In this action brought by appellant under an insurance policy issued by appellee, recovery of damages was sought for alleged loss sustained by injury to a generator and motor. The United States District Judge dismissed the complaint.
The case was tried without the intervention of a jury. There was no dispute as to the amount of damages sustained by plaintiff-appellant as the result of an accident causing injury to its motor and generator; but there was sharp issue between the parties upon the question of liability.
The policy issued by the appellee covered in express terms loss from an accident occurring while the generator “is in use or connected ready for use * *.” The policy contained an express exception from liability while the “object is undergoing an insulation breakdown, test, or is being repaired or dried out.” [Emphasis supplied.]

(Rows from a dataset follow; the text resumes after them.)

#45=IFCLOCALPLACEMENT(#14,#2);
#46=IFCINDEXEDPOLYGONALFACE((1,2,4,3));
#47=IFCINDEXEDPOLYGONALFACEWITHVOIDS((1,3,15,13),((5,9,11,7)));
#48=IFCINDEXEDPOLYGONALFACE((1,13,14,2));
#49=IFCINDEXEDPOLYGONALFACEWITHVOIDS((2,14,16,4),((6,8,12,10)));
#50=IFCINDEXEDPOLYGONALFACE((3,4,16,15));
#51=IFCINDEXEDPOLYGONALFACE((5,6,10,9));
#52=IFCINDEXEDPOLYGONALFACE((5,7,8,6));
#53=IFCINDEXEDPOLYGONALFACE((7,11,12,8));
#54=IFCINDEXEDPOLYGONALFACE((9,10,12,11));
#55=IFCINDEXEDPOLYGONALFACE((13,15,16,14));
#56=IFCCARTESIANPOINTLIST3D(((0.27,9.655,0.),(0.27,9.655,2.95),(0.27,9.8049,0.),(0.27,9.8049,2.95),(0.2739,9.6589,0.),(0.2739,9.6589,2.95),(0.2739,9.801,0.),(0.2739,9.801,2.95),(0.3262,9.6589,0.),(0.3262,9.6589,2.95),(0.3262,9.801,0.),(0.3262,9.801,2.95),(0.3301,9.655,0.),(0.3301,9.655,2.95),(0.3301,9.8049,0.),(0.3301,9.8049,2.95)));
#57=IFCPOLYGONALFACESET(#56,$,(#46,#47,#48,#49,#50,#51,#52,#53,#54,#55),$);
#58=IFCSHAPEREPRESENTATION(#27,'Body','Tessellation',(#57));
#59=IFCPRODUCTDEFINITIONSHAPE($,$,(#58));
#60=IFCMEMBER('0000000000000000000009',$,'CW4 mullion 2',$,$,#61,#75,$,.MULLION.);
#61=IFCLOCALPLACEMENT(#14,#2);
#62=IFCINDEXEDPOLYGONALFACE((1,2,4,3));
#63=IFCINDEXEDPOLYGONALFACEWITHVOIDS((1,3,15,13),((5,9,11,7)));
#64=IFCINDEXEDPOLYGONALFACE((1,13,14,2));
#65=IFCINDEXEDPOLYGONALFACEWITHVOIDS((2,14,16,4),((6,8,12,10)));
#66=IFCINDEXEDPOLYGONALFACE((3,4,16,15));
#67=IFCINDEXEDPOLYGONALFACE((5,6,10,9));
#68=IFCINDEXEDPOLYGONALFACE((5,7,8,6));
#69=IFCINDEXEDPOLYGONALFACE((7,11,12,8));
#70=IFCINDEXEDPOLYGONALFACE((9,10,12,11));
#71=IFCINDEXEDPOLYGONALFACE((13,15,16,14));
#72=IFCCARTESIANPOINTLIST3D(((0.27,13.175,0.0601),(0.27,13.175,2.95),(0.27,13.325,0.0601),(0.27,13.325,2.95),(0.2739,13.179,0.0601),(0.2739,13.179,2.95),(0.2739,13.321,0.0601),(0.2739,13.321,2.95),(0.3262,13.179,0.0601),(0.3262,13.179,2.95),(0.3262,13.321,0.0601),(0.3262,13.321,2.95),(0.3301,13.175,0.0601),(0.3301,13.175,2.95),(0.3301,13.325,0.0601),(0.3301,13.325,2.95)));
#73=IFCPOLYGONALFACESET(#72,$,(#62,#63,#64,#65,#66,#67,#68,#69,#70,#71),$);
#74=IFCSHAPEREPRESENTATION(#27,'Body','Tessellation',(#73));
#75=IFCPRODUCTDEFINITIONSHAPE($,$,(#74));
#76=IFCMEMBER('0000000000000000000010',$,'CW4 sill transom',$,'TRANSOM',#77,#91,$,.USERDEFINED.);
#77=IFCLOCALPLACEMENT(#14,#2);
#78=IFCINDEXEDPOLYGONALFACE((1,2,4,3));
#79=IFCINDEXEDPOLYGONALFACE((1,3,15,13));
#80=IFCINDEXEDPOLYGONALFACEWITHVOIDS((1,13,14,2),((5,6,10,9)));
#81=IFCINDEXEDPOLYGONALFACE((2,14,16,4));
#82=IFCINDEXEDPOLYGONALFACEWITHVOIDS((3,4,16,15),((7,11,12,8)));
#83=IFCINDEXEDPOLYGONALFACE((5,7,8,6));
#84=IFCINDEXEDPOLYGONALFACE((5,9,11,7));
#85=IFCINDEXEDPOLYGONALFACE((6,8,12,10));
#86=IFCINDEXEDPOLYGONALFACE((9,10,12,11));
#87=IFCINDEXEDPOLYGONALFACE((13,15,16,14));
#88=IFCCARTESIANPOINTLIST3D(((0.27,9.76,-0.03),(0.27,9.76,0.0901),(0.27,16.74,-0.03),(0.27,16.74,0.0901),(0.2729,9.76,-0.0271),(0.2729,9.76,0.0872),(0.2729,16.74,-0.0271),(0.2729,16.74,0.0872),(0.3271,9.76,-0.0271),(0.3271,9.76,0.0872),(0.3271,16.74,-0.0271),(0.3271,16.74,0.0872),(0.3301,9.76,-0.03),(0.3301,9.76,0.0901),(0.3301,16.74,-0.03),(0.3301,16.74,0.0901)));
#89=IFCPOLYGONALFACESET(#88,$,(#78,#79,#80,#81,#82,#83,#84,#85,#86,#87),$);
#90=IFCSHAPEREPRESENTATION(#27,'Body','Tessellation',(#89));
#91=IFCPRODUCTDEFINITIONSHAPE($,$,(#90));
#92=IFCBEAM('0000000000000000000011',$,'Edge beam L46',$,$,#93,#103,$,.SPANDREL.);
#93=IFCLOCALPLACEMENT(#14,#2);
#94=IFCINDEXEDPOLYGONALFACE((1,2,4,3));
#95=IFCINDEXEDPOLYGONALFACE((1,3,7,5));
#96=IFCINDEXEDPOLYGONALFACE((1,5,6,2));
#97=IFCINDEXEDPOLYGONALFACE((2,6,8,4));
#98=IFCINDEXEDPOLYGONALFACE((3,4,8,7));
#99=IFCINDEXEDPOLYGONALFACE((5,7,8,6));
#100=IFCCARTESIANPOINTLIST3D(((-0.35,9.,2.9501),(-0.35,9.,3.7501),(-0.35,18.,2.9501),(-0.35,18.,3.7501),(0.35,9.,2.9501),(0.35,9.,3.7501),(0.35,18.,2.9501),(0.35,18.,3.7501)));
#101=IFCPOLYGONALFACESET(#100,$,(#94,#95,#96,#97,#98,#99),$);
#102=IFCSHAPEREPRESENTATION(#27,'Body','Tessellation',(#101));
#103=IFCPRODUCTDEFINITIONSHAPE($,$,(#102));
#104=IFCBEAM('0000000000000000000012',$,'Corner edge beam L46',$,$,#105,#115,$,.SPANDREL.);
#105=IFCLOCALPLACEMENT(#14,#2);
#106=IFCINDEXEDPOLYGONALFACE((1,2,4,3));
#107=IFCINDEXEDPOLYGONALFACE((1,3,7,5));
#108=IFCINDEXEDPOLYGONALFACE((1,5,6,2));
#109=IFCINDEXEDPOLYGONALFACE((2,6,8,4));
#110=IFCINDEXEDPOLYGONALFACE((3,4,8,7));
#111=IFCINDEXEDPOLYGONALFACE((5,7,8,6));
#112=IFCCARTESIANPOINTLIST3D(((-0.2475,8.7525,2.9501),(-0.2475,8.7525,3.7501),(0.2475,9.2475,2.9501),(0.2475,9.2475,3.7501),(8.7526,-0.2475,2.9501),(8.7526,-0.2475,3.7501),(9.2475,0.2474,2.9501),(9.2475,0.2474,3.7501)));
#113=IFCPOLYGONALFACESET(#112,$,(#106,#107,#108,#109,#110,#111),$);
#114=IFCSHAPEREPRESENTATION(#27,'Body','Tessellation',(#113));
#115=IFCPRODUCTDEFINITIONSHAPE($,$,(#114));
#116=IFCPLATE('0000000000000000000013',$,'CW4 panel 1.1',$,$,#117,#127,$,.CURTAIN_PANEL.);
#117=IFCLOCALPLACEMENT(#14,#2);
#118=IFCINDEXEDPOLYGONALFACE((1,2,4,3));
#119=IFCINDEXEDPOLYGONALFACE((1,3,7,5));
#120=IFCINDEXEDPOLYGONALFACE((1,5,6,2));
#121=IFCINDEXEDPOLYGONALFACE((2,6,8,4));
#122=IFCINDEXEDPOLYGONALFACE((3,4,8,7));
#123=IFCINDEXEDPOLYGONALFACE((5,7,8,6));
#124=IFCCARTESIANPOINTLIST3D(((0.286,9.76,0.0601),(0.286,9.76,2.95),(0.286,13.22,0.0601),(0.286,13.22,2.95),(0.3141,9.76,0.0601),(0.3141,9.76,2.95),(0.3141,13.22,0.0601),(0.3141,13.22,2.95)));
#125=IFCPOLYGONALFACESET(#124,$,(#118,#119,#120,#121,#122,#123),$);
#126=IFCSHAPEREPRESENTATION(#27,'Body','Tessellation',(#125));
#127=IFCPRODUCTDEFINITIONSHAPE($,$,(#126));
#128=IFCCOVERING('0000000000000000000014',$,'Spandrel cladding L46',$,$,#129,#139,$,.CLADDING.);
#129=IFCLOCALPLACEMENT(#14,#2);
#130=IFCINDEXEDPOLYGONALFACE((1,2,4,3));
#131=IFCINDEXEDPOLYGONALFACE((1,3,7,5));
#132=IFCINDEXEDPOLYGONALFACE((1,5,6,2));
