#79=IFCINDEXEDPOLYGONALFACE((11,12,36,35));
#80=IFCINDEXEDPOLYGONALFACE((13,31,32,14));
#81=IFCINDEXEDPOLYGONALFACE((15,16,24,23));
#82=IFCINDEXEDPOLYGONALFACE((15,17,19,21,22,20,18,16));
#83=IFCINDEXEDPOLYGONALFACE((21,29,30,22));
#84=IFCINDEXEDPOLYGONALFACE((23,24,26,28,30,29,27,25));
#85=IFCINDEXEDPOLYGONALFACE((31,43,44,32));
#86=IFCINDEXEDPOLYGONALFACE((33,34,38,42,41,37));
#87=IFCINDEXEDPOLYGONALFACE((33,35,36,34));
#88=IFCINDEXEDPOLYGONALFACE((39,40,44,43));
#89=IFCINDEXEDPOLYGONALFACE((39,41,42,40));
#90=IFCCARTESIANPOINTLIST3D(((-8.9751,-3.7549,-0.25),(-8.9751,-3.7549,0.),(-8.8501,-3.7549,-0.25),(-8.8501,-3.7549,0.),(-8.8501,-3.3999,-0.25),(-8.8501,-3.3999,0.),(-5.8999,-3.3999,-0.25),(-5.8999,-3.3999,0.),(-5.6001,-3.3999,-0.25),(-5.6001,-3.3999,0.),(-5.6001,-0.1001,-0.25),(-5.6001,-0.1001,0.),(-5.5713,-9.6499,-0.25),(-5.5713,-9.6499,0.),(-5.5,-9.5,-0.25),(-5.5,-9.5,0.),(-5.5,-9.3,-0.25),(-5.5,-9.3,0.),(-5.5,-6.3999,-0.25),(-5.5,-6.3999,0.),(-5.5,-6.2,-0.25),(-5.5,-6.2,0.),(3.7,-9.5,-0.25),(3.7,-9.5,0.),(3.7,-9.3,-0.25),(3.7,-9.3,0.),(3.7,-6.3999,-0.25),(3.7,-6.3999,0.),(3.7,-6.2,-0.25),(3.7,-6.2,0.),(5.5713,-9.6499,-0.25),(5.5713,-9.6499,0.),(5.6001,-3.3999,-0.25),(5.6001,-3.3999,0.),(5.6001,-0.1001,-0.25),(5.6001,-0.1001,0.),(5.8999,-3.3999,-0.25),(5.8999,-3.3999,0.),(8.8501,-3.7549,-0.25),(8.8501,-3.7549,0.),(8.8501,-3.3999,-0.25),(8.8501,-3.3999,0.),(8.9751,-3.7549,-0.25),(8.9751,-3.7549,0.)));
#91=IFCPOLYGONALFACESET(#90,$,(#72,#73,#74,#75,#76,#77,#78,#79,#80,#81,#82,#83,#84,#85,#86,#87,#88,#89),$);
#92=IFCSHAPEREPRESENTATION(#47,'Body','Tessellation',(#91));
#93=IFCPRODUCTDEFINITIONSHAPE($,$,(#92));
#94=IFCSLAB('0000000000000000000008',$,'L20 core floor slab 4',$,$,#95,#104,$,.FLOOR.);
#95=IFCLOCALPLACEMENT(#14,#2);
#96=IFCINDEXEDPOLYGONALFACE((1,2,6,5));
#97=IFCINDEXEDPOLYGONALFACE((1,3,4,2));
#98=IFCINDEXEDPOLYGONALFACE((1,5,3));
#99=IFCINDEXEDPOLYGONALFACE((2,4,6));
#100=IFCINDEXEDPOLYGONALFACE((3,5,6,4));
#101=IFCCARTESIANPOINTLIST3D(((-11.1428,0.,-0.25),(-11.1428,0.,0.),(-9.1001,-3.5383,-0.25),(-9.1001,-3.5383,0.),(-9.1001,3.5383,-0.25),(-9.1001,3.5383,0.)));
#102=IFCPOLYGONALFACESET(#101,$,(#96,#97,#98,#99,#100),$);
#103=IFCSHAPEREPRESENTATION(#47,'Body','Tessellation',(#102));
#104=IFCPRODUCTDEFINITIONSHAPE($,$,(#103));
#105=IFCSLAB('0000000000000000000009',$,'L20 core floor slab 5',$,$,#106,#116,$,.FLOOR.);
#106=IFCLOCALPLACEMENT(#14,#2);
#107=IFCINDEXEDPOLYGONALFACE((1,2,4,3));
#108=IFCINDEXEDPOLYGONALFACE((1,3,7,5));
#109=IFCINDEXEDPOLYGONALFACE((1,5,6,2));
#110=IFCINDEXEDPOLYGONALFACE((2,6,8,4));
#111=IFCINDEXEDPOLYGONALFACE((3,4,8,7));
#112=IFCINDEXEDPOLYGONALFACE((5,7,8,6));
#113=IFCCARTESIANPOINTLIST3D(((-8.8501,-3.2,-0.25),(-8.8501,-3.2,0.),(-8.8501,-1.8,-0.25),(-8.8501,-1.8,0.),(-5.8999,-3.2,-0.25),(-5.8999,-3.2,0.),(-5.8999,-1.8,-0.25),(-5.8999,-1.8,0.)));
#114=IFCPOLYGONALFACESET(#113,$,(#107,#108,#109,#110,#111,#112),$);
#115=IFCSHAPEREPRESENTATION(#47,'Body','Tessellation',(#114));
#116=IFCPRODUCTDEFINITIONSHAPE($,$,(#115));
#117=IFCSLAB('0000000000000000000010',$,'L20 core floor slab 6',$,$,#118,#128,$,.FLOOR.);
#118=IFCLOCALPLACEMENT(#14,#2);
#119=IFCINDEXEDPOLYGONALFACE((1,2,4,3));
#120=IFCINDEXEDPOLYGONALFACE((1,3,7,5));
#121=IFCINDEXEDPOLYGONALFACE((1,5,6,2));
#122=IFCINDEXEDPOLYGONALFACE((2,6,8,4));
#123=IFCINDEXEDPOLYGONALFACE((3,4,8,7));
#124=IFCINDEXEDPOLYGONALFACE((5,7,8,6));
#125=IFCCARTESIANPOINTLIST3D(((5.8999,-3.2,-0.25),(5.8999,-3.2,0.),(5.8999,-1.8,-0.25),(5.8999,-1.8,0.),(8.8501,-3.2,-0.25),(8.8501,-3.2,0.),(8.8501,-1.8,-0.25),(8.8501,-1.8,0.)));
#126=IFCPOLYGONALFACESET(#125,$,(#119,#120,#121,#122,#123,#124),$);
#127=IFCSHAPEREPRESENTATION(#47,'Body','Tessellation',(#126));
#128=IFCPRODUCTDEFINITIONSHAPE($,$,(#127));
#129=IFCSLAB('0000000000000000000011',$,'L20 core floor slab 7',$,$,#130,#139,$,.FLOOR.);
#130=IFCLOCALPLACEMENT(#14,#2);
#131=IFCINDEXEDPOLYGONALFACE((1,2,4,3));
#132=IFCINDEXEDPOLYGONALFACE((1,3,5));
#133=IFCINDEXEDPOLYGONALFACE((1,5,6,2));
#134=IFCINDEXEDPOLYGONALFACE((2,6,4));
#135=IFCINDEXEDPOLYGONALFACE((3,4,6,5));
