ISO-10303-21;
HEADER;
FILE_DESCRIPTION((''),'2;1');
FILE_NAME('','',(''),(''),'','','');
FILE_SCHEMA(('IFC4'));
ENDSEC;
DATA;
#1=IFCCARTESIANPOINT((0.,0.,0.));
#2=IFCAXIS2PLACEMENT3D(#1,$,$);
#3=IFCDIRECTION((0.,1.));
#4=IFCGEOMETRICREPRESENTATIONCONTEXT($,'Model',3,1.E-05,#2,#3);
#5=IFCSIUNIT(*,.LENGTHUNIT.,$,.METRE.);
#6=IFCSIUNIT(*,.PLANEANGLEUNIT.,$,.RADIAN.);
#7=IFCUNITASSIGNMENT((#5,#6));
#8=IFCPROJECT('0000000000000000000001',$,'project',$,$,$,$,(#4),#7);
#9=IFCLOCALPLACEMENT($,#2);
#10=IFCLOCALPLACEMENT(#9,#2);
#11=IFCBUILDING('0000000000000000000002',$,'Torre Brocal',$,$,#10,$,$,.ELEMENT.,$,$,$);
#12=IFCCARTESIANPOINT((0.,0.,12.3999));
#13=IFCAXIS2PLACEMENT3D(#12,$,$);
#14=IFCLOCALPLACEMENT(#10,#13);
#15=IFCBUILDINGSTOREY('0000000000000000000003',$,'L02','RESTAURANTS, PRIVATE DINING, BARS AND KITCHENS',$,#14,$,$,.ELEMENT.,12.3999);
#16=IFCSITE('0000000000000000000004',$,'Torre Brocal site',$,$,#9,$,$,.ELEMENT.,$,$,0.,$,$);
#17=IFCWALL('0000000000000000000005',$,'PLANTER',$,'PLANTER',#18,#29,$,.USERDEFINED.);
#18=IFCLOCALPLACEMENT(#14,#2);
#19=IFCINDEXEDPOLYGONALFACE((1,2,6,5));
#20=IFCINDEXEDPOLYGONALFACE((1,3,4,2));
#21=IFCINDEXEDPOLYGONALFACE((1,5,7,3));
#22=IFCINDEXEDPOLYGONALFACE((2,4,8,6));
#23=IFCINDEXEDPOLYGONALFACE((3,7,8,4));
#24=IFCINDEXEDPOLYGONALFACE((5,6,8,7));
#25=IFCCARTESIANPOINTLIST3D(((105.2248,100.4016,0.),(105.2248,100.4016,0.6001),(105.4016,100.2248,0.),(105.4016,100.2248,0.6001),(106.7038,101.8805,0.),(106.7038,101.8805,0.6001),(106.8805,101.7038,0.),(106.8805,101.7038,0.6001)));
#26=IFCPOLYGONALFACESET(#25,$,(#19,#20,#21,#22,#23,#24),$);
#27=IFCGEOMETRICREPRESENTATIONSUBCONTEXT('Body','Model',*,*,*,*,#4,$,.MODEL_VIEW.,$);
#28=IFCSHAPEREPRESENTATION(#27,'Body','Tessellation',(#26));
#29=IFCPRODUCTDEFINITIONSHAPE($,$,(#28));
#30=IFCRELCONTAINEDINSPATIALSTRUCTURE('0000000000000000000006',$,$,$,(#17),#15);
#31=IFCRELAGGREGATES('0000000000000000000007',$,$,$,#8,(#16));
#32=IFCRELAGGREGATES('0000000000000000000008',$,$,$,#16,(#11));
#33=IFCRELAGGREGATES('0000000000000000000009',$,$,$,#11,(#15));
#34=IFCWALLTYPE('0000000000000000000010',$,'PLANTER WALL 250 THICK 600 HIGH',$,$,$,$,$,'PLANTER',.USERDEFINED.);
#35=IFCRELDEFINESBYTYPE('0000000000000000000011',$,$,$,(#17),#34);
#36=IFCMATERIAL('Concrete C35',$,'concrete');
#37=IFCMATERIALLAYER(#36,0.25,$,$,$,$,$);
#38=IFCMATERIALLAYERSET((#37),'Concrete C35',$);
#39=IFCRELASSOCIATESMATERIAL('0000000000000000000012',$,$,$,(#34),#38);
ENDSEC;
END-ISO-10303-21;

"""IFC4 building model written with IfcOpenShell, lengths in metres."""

from ifc_helpers import new_model, si_unit, direction, frame, frame_2d, origin, place, context, subcontext, project, spatial, rectangle, extrude, material, layer, layer_set, type_object, element, save


model = new_model("IFC4")

# Units and contexts
model_context = context("Model", 3, precision=1e-05, world=origin(), true_north=direction((0.0, 1.0)))
body_context = subcontext(model_context, "Body", "Model", "MODEL_VIEW")
ifc_project = project(units=[si_unit("LENGTHUNIT", "METRE"), si_unit("PLANEANGLEUNIT", "RADIAN")], contexts=[model_context])

# Site, building, storey
site_placement = place(None, origin())
site = spatial("IfcSite", under=ifc_project, at=site_placement, Name="Torre Brocal site", CompositionType="ELEMENT", RefElevation=0.0)
building_placement = place(site_placement, origin())
building = spatial("IfcBuilding", under=site, at=building_placement, Name="Torre Brocal", CompositionType="ELEMENT")
storey_placement = place(building_placement, frame((0.0, 0.0, 12.3999)))
storey = spatial("IfcBuildingStorey", under=building, at=storey_placement, Name="L02", Description="RESTAURANTS, PRIVATE DINING, BARS AND KITCHENS", CompositionType="ELEMENT", Elevation=12.3999)

# Wall
ifc_material_1 = material(Name="Concrete C35", Category="concrete")
ifc_layer_1 = layer(ifc_material_1, 0.25)
ifc_layer_set_1 = layer_set([ifc_layer_1], Name="Concrete C35")
wall_type_1 = type_object("IfcWallType", Name="PLANTER WALL 250 THICK 600 HIGH", ElementType="PLANTER", PredefinedType="USERDEFINED", material=ifc_layer_set_1)
wall_1_placement = place(storey_placement, frame((106.7922, 101.7922, 0.0), z_axis=(0.0, 0.0, 1.0), x_axis=(-0.707107, -0.707107, 0.0)))
element("IfcWall", 1, at=wall_1_placement, inside=storey, type_object=wall_type_1, Name="PLANTER", ObjectType="PLANTER", PredefinedType="USERDEFINED", context=body_context, shape_type="SweptSolid", body=[
    extrude(rectangle(XDim=2.0916, YDim=0.25, at=frame_2d((1.0459, 0.0))), origin(), (0.0, 0.0, 1.0), 0.6001),
])

save(model, "model.ifc")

In a carefully prepared memorandum opinion, embracing findings and conclusions and a detailed description of the machinery and the use to which it was being put when the accident occurred, the District Judge found, in summation, that the generator had been “purchased and installed for the sole purposes of (1) generating and (2) transmitting direct current for use in manufacturing manganese metal, and it was not in use or connected ready for use at the time of the accident which caused the damage that is the subject of this suit.” He concluded, moreover, that the generator was being “repaired” at the time of the accident and that the aforementioned exclusion provision of the policy therefore precluded recovery for the loss.
For the reasons stated by the trial judge, Honorable Robert L. Taylor, in his *453well-reasoned opinion [reported in E.D. Tenn., 173 F.Supp. 925], the judgment of the district court is affirmed.